Great! When will this be included in teams? So that I can deepfake all meetings
I’ll give it a photo of myself from 10 years ago so that my coworkers don’t realize that I’m getting old.
Why did they make this
Someone is always bound to make this someday. At least the maker is announcing it which is decent enough. Actually, I have always thought that if AI can generate image and voice, what is stopping someone from identity theft? And BAM, we are now in an age where digital data will soon be unreliable unless we have protocol in-place to prove the origin of the data.
If you pump out enough research papers, maybe Microsoft won’t move you over to the Office team.
We’re going to need strong digital signatures on everything, and we need it fast, else we won’t be able to believe anything we see. It will be Steve Bannon’s “flood the zone with shit” dream come true.

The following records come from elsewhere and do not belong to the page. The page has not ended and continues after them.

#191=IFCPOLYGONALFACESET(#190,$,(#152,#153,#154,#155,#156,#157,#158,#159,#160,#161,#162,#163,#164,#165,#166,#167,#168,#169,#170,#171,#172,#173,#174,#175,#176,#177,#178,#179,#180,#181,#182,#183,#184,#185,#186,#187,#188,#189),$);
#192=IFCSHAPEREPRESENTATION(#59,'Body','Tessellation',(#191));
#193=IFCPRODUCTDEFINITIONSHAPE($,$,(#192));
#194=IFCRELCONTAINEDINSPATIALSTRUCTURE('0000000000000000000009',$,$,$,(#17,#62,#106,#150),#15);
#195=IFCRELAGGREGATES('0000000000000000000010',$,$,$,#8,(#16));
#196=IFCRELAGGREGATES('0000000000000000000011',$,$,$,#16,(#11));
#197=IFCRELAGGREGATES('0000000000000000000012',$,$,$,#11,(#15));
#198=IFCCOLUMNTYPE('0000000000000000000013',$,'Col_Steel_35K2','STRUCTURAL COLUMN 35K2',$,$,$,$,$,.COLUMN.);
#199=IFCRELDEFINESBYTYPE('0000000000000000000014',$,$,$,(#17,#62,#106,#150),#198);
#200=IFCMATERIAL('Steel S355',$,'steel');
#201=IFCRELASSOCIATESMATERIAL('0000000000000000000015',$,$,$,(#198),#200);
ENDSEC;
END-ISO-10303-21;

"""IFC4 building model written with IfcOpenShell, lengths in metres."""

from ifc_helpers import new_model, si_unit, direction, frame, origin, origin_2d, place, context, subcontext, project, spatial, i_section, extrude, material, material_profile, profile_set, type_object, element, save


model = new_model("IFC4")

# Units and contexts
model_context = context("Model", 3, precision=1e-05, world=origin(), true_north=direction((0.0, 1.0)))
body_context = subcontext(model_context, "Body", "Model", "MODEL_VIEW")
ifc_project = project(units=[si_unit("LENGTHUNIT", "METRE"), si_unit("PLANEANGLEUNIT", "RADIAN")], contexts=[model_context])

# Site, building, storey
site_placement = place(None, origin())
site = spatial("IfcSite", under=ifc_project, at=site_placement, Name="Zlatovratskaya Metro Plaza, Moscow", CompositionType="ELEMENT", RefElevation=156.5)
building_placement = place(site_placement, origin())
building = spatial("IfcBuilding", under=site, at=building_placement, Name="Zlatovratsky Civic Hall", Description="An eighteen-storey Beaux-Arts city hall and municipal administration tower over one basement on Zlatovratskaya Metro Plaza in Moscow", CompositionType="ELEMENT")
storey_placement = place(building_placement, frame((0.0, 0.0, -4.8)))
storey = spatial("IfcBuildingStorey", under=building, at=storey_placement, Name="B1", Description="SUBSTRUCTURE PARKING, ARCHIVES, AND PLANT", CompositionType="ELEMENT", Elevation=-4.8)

We’re going to need strong digital signatures on everything
That won’t help anything considering how easy it is to strip metadata.
I mean the opposite scenario, where if there’s no signature we assume it’s fake.
That lip sync is scary good. It’s still a little off, the teeth are weirdly stretchy, but nobody would notice it’s a deepfake on first glance.
Seems very similar to Nvidia’s idea of only having a moving photo for video calls to reduce bandwidth needed. Very nice.
We’d need better optimization and more powerful processing on ye average laputopu for that to happen.
It’s terrifying and super cool at the same time. I think all of the execs at these big tech companies need to rewatch the Terminator.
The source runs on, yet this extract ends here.